Regions
Chinese Steel Pipes Face Heavy U.S. Duties
2009.12.31By Daniel Whitten
(Bloomberg) — The U.S. will impose duties on $2.8 billion in steel-pipe imports from China after saying subsidies on the products may harm American steelmakers, a move that threatens to escalate trade tensions between the two countries.
The U.S. International Trade Commission voted 6-0 today in Washington. The Commerce Department set duties in November ranging from 10.4 percent to 15.8 percent, subject to the ITC's ruling, on Chinese pipes used in oil wells. A preliminary ruling by the ITC in May led Chinese producers to halt exports to the U.S., state-owned Tianjin Pipe Group Corp. has said.
The case is the largest so-called countervailing duty complaint filed against Chinese products, and was brought by groups and companies including U.S. Steel Corp. (X:US). Tariffs have been a point of tension between the two nations since President Barack Obama imposed duties in September on Chinese tire imports. Obama, during a visit to Beijing Nov. 17, pledged along with President Hu Jintao to work on easing trade frictions.
"The steel industry is a canary in the coal mine of the U.S.-China trade relations," Michelle Applebaum, who runs a Chicago-based equity research company that advises investors on the industry, said in an interview. She owns shares in companies including Nucor Corp. (NUE:US) and Reliance Steel & Aluminum Co. (RS:US).
The Commerce Department will decide in April if Chinese companies are also dumping products on the U.S. market at prices below their value, a Federal Register notice said. That could result in additional tariffs on those companies.
U.S. steelmakers rose in New York trading after today's ruling.
'Discriminatory Measures'
Wang Baodong, a spokesman for the Chinese Embassy in Washington declined to comment, referring queries to a Nov. 25 statement by the country's Ministry of Commerce after the U.S. Commerce Department set the tariff rates.
In that statement Yao Jian, a spokesman for the ministry said, "China is strongly opposed to the U.S. move of continuing with its discriminatory measures and arbitrarily raising the anti-subsidy duty rates."
The two countries have $409 billion in annual two-way trade and have swapped complaints about steel, poultry and tires as a global recession spurred countries to protect jobs. China announced on Nov. 6 the start of an anti-dumping probe into American cars.
The pipe case was brought by the United Steelworkers union; Pittsburgh-based U.S. Steel, the country's biggest steelmaker; U.S. operations of Evraz Group SA (EVR:LI), Russia's second-largest mill; and Pennsylvania-based Wheatland Tube Co.
Shares Rise
U.S. Steel rose 80 cents to $55.51 at 4:15 p.m. in New York Stock Exchange composite trading. Charlotte, North Carolina- based Nucor, the second-largest U.S. steelmaker, climbed $1 to $47.06. The Standard & Poor's 500 steel index, made up of five companies, rose 1.5 percent.

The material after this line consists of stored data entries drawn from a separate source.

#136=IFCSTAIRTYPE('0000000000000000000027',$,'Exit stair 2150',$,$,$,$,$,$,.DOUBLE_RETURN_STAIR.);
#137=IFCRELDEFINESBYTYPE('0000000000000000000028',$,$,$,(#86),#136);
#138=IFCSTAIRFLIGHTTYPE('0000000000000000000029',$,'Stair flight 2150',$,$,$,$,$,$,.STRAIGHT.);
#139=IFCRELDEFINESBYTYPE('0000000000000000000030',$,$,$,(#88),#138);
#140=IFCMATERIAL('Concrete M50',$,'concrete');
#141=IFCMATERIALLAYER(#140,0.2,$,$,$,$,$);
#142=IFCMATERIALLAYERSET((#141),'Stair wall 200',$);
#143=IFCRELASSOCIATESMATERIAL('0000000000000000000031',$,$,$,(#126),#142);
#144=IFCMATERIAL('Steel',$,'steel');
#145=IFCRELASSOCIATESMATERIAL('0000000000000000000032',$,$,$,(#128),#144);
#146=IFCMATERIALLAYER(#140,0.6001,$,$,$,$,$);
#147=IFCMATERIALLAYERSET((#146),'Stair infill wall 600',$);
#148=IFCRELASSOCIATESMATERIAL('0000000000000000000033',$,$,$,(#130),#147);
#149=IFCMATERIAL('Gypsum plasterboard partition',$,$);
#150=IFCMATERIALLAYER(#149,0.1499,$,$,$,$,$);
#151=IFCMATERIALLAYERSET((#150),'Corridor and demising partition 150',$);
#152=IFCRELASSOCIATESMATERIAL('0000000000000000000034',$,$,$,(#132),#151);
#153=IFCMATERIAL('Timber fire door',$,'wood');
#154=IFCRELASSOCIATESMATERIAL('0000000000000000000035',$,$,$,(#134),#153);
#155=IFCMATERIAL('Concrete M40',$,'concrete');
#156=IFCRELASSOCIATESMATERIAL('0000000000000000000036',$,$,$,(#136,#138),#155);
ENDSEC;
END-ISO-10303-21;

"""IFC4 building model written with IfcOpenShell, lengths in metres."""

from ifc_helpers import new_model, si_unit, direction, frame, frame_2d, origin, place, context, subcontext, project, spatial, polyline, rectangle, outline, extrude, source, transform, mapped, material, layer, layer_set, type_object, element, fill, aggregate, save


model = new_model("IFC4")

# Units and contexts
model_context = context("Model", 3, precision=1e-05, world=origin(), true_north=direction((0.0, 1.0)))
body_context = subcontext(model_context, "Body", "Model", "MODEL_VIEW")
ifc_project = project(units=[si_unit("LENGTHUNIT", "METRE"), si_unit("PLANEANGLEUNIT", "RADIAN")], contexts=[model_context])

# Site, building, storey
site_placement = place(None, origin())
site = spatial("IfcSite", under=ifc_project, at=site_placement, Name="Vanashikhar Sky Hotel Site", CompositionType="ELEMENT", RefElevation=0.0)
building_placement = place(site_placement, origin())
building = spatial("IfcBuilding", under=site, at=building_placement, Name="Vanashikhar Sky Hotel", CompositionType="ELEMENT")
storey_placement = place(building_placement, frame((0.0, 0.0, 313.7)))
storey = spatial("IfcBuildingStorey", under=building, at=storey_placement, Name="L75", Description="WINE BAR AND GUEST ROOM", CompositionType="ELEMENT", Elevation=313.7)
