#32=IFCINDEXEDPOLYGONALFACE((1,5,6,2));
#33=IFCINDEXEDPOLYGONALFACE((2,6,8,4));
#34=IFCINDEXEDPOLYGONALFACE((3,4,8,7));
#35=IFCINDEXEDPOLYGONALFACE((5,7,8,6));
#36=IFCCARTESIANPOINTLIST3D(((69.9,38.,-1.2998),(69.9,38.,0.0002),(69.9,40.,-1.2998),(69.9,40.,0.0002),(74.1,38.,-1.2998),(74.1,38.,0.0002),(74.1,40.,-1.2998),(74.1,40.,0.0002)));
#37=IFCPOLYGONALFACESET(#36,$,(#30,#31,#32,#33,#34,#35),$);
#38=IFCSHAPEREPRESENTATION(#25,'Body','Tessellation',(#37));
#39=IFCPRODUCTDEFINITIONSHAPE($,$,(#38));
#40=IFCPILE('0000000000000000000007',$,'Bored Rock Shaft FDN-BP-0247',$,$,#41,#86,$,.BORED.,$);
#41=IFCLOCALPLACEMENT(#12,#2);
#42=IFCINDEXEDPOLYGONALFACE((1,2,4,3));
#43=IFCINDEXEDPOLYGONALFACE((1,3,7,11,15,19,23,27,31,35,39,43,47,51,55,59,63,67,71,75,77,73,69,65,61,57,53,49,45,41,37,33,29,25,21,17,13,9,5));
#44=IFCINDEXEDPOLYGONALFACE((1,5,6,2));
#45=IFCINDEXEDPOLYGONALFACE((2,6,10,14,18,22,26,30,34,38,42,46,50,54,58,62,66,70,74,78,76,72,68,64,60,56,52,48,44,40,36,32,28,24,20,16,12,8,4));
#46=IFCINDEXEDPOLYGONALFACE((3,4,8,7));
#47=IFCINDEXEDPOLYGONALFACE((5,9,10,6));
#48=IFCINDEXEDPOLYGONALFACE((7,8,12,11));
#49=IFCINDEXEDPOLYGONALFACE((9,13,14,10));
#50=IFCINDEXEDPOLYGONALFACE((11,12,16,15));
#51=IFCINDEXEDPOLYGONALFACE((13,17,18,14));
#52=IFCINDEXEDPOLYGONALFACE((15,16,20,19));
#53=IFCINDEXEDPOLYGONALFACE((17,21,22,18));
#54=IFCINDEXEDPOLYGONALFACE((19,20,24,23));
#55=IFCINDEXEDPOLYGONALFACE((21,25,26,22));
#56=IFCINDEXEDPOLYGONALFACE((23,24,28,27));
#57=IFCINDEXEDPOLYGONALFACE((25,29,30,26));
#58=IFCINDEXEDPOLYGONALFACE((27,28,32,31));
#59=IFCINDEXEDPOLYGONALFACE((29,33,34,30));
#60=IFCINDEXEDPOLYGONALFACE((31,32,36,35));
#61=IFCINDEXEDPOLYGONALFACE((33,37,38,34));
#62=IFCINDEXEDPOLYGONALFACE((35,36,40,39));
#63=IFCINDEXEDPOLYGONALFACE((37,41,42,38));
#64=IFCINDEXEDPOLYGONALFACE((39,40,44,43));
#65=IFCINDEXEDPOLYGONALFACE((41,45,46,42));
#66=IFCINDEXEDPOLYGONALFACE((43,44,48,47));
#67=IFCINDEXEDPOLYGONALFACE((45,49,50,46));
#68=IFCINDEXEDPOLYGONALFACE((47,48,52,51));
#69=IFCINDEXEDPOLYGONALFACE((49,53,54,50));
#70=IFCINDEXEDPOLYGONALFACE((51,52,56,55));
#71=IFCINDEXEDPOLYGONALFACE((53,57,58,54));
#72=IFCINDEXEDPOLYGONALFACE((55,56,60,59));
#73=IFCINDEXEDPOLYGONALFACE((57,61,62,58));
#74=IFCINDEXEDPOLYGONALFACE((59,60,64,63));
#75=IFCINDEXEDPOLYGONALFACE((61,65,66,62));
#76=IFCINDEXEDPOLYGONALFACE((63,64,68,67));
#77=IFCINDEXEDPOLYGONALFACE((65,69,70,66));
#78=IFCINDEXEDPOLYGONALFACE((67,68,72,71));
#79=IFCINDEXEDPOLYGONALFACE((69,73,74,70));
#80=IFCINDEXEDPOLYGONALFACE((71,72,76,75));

U.S. Steel "is pleased with the affirmative determination," the company said in an e-mailed response to questions. The "enormous surge of unfairly traded goods resulted in an overhang of inventory that crippled the domestic industry."
Today's ruling "means a more level field upon which to compete, and the beginnings of the end to the mercantilism being practiced by trading competitors like China," Nucor Chief Executive Officer Dan DiMicco said in response to an e-mailed question.
"It is not 'protectionism' when countries are held accountable for the agreements and obligations they freely entered into to have access to the USA and world's markets," DiMicco said.
China has filed a complaint at the World Trade Organization arguing that the U.S. punishes China twice. The U.S. categorizes China as a subsidized economy, allowing higher anti-dumping duties, and imposes duties for the alleged subsidies too, according to the complaint.